After the Mist

I find myself awake before dawn, I am staying in the Desert city of Jaisalmer, in a stunning Havelli built into the medieval walls of this hilltop stronghold, built by the Mughals as a base from which to earn wealth from the caravan routes crossing the Thar Desert.
Sleep was once a given for me, I would sleep soundly wherever or whenever I needed to, but for the present those times have gone, now I manage at the most a couple of hours at a time, then wake, my sleep is broken by dreams and unresolved thoughts. This night has been no different, I have left my room, and sit wrapped in a blanket on the high ramparts of a thirteenth century tower high above the newer city stretching out below. A thick mist covers the town, the air though in the Desert is damp and clingy, it’s more like a London Fog than the Thar Desert.
The first signs of movement stir in the distance below, a few figures move below like ants, a lone bike passes in the road periodically headlights in the gloom, as dawn approaches in the distance I hear the Muslim call to prayer, a quarter of the Cities inhabitants are Muslim, the remainder Hindu.
I feel strangely dislocated from my surroundings, the place is magical, I ask myself why I am unable to be here now not just in my body but with my mind, but my thoughts carry me back to England, part of this trip has been a conscious effort to escape, but I sit here and realise that I have not escaped my thoughts. My unease, maybe my dis-ease is in not letting go, not letting myself be free. I tie myself in the bonds of the past, with the people I have left behind, both those met recently and those known for many years. Have I made a mistake, should I have stayed in London with my reality?
As I sit uncomfortably with my thoughts the dawn arrives, the mist slowly lifts, then I notice a large hawk , just a few yards away from me on the Fort wall, it stares out over the ramparts as I do, but it’s gaze is fixed on a flock of birds circling, the hawk takes to the skies, it circles high above the flock then swoops down. I am immediately moved to the present, my thoughts go with the Hawk, I watch it swoop again and again, each time it fails to capture its quarry, but somehow I am captured by the moment, I am moved to the present, nothing from the past matters, I am just here and now and in a strange way, whilst witnessing a potentially life and death struggle in the avian world I find the passage of time watching it utterly calming and perfect.

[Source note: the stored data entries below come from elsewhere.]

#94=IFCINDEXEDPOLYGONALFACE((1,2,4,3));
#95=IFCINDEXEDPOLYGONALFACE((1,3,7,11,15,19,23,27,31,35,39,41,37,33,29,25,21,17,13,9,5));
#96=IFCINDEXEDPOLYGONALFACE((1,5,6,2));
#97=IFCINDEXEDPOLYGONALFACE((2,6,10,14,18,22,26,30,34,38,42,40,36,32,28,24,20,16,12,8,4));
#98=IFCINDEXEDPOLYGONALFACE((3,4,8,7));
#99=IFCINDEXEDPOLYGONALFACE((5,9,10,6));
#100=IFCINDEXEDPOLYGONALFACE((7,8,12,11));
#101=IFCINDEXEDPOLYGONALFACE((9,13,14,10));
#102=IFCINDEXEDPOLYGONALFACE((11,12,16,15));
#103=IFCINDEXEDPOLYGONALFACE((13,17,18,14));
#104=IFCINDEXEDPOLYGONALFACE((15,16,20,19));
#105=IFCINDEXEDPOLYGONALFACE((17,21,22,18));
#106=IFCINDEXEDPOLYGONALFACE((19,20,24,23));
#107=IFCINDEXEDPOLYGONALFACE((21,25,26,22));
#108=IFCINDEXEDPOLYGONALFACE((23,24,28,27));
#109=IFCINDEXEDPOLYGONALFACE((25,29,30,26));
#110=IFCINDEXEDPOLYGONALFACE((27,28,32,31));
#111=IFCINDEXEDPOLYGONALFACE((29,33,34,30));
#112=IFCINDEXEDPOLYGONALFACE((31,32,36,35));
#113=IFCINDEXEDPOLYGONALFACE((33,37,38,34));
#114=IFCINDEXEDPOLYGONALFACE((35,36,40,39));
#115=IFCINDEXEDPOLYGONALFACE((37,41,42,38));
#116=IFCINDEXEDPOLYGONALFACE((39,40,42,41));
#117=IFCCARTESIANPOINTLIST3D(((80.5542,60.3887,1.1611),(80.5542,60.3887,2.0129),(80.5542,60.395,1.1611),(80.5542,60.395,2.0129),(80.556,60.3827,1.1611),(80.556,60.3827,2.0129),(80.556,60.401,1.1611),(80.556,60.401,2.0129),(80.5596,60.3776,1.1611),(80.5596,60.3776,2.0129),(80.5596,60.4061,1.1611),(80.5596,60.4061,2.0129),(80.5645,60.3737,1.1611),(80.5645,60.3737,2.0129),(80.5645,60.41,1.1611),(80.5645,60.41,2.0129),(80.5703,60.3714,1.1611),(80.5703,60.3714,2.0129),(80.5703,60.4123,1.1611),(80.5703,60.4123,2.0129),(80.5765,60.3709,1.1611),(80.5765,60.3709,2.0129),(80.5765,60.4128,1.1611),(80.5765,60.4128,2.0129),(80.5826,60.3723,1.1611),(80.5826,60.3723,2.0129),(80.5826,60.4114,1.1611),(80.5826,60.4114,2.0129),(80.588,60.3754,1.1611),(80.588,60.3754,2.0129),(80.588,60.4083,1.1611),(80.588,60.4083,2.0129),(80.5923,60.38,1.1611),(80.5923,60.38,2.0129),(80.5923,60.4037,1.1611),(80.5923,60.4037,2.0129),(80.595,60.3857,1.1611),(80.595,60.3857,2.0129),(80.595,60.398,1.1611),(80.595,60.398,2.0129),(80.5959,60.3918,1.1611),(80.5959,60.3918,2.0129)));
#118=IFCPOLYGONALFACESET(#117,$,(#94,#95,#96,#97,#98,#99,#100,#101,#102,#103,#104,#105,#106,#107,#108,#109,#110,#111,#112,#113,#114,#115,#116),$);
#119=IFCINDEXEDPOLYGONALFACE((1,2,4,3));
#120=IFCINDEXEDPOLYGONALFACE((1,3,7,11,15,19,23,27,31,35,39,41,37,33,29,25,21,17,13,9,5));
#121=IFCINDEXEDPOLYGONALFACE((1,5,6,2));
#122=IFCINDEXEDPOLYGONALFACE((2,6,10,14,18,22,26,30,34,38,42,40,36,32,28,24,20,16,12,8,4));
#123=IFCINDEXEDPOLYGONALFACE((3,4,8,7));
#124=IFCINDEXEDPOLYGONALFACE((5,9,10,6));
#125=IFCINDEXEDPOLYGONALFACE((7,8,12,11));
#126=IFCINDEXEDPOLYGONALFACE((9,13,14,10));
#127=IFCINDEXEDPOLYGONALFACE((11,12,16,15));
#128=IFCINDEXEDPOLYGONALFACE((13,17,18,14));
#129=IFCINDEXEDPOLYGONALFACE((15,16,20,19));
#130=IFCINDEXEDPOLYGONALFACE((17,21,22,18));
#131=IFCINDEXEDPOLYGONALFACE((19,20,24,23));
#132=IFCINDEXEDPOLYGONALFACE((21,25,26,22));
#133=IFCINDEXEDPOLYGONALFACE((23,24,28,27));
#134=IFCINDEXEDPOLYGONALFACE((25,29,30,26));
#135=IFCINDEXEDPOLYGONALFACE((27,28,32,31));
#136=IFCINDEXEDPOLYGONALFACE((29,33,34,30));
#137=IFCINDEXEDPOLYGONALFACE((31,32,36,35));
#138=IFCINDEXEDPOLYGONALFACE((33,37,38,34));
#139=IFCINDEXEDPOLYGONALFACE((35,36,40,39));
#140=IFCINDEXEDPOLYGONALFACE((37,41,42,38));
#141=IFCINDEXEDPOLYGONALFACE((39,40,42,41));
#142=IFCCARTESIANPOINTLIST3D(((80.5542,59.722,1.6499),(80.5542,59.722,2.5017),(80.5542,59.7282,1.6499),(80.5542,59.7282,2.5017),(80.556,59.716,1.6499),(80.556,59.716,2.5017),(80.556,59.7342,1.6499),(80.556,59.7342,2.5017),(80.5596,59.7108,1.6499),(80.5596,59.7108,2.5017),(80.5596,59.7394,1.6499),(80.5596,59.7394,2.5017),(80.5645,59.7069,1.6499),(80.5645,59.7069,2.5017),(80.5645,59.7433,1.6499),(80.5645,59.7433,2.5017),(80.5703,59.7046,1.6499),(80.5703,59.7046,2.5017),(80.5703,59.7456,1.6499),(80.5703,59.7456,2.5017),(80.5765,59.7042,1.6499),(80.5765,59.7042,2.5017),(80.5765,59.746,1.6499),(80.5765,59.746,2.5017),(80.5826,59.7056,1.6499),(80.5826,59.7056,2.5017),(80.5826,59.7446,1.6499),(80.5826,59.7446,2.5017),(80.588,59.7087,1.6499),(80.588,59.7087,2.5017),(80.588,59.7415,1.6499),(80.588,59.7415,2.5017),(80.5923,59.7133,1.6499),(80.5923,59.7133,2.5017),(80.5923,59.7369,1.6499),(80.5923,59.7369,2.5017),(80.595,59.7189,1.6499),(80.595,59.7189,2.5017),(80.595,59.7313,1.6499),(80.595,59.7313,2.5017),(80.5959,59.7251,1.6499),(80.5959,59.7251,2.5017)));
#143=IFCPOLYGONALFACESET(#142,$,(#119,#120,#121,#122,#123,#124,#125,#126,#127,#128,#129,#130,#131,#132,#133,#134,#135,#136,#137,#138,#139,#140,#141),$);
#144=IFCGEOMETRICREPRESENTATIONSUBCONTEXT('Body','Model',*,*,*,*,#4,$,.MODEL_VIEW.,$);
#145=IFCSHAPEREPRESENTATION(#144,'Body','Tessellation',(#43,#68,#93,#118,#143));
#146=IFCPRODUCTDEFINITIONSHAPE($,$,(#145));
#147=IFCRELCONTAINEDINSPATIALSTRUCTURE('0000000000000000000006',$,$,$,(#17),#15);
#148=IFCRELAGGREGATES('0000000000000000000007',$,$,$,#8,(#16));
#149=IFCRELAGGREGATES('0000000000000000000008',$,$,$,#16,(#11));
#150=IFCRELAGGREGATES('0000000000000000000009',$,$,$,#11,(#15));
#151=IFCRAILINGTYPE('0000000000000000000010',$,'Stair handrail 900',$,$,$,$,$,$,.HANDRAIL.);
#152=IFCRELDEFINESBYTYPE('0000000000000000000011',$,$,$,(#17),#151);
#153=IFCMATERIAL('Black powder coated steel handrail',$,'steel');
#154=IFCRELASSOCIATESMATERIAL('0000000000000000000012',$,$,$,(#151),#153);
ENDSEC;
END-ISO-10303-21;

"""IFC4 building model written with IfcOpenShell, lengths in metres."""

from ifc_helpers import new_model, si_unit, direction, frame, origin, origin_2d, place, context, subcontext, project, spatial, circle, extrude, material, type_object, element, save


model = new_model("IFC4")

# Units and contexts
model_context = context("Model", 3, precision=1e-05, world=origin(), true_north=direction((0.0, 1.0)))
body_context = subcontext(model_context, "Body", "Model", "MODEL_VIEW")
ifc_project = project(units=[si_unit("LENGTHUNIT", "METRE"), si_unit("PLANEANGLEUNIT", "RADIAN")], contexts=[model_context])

This same process has happened many times during my trip to India, at times my mind has been churning over the past and then people or places or incidents have picked me up and pulled me to the present, to the moment.
I booked into a Havelli late one evening, I was greeted by an old chap, “I am the Assistant Manager” he said proudly, my son is the Manager, I am retired from my job he explained. I was a school principal for forty years, now I receive a pension from the Government of India. He was a grey haired short man, with a beaming smile and kind eyes. I warmed to him immediately.
He told me his name, I regret not having remembered it, but he went on to show me on a wall, photos of his parents, he told me the dates his mother and father had died. When I told him I was from England he was quick to reply, “Ah, England, many people here remember the British in India with good memories”, he pointed to his fathers photo, “My father always said that when the British ruled India it was better – the Law was the Law, things worked properly with the British, not now, the law is bad, everything is corrupt. “
Riding pillion on a motor bike down country lanes to a remote farm was a great experience, I had not thought in anyway that I would be remotely interested in riding a motor bike, but that journey has given me a desire to get a bike, or at the least if I go back to India to do part of my travels this way.
Talking to people in India likewise has moved me on, got me to the present, at least for a while, from Masseurs to Sages ( its difficult to tell who does what here at times ) A masseur with a twist, who’s services were used by my companion rather than myself shook my hand, stared deeply into my eyes for a long time and then simply said to me, you must think with your heart, not with your head, too much thinking with your head not good. Maybe he says that to every Westerner he meets, but somewhere in there was a rather profound logic, let your mind tie itself up in the knots of memory or what was, or what the future holds and you lose the present, the life you are in now.
It is impossible not to feel alive in India, not to be in the present, my lesson is to live beyond what was, to accept what is now and to be open to that which is to come.